Yes, having a giant circle of friends was completely exhausting and overwhelming for me. I moved to a new city about a year ago, and it's just me and my boyfriend up here - kind of like starting over. I've gone out once with 'friends' I made at work and that's it. I try not to think of it as being a loner or a loser, I think it's just a matter of me having some time to get comfortable with myself and working things out, then going from there.


----------



## pablo123 (Feb 19, 2013)

daisychainsandlaughs said:


> Yes, having a giant circle of friends was completely exhausting and overwhelming for me. I moved to a new city about a year ago, and it's just me and my boyfriend up here - kind of like starting over. I've gone out once with 'friends' I made at work and that's it. I try not to think of it as being a loner or a loser, I think it's just a matter of me having some time to get comfortable with myself and working things out, then going from there.


yeh having a big group of "friends" can be exhausting i think im gonna stop hanging out with them... but i cant deny that im a loner, clearly people dont like to be around me.


----------



## Ghost in the Shell (May 25, 2013)

For me, having any friend seems very exhausting ever since I started working (at which point I started losing touch with friends). I like company as such but after I come from work, do few things of my own, take the dog out in the evening and the day is basically over. I just don't understand how others manage to also hang out with everyone, go to clubs, regularly drink together, go to concerts and various events and not feel drained and exhausted.


----------



## Shadowboy (Jun 12, 2013)

I'm an outcast and I'm abandoned by my friends too. When I'm in large groups it's like my ideas is absolutely different from others so I can't get along well and don't talk.

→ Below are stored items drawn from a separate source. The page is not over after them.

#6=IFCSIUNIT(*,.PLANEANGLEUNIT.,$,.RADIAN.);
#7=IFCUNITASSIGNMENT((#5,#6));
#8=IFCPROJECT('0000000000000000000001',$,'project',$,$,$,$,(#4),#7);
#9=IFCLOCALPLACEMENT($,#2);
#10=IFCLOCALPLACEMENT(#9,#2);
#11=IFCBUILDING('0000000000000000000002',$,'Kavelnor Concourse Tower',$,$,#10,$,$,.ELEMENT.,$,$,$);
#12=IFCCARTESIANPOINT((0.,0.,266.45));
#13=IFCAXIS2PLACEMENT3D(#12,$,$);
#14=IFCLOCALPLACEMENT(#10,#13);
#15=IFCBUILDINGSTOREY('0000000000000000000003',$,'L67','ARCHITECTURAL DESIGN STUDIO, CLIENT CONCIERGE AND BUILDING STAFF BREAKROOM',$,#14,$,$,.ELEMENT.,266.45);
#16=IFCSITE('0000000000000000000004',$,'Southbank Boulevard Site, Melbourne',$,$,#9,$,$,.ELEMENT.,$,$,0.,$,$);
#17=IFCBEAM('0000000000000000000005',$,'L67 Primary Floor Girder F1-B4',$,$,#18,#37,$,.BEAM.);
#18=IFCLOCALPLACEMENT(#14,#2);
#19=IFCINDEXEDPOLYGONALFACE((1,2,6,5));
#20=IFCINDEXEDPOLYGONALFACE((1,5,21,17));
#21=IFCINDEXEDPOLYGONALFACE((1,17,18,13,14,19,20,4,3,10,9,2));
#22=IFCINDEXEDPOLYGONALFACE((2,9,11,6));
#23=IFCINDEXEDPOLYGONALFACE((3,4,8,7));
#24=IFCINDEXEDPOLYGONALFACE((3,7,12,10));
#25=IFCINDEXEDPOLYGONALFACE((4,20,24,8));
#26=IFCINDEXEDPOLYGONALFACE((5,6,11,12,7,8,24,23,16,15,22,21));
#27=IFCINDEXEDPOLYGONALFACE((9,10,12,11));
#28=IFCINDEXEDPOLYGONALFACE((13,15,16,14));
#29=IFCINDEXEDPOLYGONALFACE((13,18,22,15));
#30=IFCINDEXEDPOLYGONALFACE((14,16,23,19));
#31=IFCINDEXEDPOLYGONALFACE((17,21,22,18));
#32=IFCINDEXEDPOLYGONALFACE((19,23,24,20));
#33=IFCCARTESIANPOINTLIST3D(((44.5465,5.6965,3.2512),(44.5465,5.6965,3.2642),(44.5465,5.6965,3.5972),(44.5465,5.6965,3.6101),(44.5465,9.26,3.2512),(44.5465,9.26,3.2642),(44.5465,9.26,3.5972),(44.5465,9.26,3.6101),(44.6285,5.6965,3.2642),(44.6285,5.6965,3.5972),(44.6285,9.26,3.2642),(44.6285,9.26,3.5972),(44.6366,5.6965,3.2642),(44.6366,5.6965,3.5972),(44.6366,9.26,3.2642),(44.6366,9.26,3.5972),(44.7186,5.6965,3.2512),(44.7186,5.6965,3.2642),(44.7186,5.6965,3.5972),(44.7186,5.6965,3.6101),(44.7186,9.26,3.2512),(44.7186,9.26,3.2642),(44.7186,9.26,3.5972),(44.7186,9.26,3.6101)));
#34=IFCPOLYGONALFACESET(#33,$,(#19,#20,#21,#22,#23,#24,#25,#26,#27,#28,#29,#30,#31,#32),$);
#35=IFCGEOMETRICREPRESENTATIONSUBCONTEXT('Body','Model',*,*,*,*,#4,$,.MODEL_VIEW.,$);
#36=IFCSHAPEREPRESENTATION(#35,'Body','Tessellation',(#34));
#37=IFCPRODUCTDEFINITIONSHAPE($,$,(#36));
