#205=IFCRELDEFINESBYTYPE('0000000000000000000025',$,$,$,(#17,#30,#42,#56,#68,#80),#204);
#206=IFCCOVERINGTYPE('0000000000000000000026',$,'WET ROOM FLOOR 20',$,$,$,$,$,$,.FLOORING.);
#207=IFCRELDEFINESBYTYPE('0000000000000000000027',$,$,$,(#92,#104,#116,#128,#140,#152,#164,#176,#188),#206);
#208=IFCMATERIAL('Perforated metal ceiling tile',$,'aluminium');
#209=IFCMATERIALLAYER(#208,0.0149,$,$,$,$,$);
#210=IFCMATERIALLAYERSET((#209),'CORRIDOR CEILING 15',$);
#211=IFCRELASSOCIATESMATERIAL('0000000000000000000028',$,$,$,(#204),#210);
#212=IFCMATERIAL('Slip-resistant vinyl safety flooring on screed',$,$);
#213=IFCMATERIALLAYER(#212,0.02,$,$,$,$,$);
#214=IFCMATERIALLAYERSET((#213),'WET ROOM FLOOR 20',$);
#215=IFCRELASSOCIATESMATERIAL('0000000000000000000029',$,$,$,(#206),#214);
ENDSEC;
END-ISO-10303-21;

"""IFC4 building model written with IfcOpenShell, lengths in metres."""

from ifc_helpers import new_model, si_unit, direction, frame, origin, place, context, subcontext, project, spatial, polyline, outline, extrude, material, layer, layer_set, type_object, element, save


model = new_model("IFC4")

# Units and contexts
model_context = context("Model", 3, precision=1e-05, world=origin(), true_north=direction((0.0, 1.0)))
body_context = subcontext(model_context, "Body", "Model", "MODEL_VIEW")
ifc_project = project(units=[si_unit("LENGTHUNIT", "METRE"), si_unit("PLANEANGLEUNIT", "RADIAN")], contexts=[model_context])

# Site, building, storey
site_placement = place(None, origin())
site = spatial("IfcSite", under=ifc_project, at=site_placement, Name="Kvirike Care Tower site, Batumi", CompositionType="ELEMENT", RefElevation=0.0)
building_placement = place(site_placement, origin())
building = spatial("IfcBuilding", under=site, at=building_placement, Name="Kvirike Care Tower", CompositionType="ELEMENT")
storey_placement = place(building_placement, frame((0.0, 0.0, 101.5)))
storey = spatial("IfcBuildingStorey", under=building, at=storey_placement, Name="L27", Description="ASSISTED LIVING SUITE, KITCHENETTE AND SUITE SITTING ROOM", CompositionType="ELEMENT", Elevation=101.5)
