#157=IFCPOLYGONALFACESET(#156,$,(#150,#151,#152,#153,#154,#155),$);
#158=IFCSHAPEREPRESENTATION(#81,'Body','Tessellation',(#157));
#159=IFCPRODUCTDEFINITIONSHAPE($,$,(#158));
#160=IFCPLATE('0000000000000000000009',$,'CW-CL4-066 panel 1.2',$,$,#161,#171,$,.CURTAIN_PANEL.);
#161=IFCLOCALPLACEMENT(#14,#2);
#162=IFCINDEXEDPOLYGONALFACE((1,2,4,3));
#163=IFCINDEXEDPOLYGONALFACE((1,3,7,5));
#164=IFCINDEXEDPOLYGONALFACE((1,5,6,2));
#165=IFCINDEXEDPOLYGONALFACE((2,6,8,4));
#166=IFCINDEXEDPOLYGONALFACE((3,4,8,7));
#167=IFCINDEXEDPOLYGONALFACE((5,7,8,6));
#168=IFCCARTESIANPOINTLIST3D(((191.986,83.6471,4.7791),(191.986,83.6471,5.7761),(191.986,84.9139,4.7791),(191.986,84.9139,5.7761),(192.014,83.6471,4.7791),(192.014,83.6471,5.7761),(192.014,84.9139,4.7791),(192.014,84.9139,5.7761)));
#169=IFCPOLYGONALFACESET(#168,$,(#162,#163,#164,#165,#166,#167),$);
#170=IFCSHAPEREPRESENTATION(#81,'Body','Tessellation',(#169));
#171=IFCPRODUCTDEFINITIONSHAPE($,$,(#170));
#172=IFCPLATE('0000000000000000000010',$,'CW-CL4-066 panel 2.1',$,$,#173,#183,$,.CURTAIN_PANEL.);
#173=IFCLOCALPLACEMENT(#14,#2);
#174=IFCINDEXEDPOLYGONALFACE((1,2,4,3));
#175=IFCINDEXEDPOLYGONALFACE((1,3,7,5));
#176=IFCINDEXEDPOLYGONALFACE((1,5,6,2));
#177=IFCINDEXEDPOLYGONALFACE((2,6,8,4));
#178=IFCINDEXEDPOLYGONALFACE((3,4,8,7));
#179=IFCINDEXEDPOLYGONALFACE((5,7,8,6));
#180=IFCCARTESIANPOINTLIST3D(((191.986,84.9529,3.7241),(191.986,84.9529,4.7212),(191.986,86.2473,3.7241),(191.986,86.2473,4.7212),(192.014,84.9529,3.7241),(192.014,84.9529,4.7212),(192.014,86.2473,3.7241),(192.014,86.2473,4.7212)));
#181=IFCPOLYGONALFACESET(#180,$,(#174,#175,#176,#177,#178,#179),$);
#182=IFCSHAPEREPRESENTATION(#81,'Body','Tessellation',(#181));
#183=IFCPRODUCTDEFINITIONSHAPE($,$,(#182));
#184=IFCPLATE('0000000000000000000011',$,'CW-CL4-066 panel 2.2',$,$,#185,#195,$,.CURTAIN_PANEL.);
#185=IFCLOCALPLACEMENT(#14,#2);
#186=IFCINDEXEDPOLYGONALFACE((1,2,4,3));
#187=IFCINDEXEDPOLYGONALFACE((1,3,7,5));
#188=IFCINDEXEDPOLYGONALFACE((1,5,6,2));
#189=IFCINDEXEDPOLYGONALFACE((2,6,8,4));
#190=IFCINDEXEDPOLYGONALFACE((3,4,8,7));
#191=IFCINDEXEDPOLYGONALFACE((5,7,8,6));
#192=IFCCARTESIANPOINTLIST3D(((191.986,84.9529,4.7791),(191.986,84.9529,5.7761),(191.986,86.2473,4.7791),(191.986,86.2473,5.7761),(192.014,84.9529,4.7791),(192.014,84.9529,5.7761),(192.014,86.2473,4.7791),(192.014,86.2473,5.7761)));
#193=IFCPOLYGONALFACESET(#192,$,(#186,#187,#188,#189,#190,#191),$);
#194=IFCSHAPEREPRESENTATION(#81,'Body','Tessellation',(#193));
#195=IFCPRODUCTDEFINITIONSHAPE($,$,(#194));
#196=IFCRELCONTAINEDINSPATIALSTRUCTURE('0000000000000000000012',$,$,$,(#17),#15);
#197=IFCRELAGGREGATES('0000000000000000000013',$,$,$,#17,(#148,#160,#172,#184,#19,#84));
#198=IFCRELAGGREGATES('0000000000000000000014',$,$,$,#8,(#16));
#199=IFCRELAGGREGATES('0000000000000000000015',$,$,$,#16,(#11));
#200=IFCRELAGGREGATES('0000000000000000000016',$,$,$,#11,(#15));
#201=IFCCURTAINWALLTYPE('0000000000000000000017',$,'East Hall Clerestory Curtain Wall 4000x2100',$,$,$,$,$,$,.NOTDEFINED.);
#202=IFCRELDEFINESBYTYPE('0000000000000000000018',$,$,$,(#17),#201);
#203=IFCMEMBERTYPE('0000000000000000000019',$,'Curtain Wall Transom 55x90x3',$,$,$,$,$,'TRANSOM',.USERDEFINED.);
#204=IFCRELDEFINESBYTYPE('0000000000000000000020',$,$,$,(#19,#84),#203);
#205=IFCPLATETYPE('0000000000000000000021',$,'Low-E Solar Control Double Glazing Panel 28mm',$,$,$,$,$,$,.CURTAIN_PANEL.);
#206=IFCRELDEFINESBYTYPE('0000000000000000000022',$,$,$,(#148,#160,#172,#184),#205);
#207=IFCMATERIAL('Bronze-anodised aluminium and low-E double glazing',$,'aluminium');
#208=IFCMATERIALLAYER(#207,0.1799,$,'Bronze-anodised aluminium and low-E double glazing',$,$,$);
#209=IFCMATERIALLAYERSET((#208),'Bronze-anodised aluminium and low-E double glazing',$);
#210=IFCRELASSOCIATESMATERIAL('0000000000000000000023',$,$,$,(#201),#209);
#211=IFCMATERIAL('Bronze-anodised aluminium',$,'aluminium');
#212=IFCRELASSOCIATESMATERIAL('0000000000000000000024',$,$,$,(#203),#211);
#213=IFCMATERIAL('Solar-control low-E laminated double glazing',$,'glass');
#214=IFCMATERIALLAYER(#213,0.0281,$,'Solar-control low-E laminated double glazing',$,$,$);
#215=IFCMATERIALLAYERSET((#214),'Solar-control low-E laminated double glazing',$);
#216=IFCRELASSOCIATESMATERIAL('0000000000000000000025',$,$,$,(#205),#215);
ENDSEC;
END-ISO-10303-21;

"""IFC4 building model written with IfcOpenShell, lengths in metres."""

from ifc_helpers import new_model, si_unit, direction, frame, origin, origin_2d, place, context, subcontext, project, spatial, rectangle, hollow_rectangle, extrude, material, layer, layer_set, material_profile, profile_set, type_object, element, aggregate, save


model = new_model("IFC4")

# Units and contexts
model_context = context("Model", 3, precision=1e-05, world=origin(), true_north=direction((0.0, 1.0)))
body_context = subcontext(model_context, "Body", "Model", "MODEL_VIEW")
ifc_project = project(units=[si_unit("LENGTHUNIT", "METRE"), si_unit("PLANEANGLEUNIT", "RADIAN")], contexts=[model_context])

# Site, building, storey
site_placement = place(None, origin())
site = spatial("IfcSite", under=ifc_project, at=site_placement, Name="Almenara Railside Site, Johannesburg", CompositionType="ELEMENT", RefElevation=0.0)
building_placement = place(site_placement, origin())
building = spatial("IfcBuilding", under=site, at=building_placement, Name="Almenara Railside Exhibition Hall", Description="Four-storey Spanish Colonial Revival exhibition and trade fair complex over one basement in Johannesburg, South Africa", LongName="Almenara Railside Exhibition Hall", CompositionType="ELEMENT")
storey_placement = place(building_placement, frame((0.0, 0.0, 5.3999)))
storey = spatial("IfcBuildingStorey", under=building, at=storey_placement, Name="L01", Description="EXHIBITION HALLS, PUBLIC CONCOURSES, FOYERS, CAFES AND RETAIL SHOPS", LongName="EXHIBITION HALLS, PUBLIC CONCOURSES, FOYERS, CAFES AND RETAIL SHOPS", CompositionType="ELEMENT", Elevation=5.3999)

In my humble opinion, those who have a large circle of friends are not close friends with all of them. They are merely acquaintance with them and do not really hang out together regularly. They refer to them as "friend" either for simplicity or to show off. I think it's better to have few true close friends than large number of acquaintances.


----------



## Weilian (Mar 28, 2013)

Shadowboy said:


> I'm an outcast and I'm abandoned by my friends too. When I'm in large groups it's like my ideas is absolutely different from others so I can't get along well and don't talk.
> 
> In my humble opinion, those who have a large circle of friends are not close friends with all of them. They are merely acquaintance with them and do not really hang out together regularly. They refer to them as "friend" either for simplicity or to show off. I think it's better to have few true close friends than large number of acquaintances.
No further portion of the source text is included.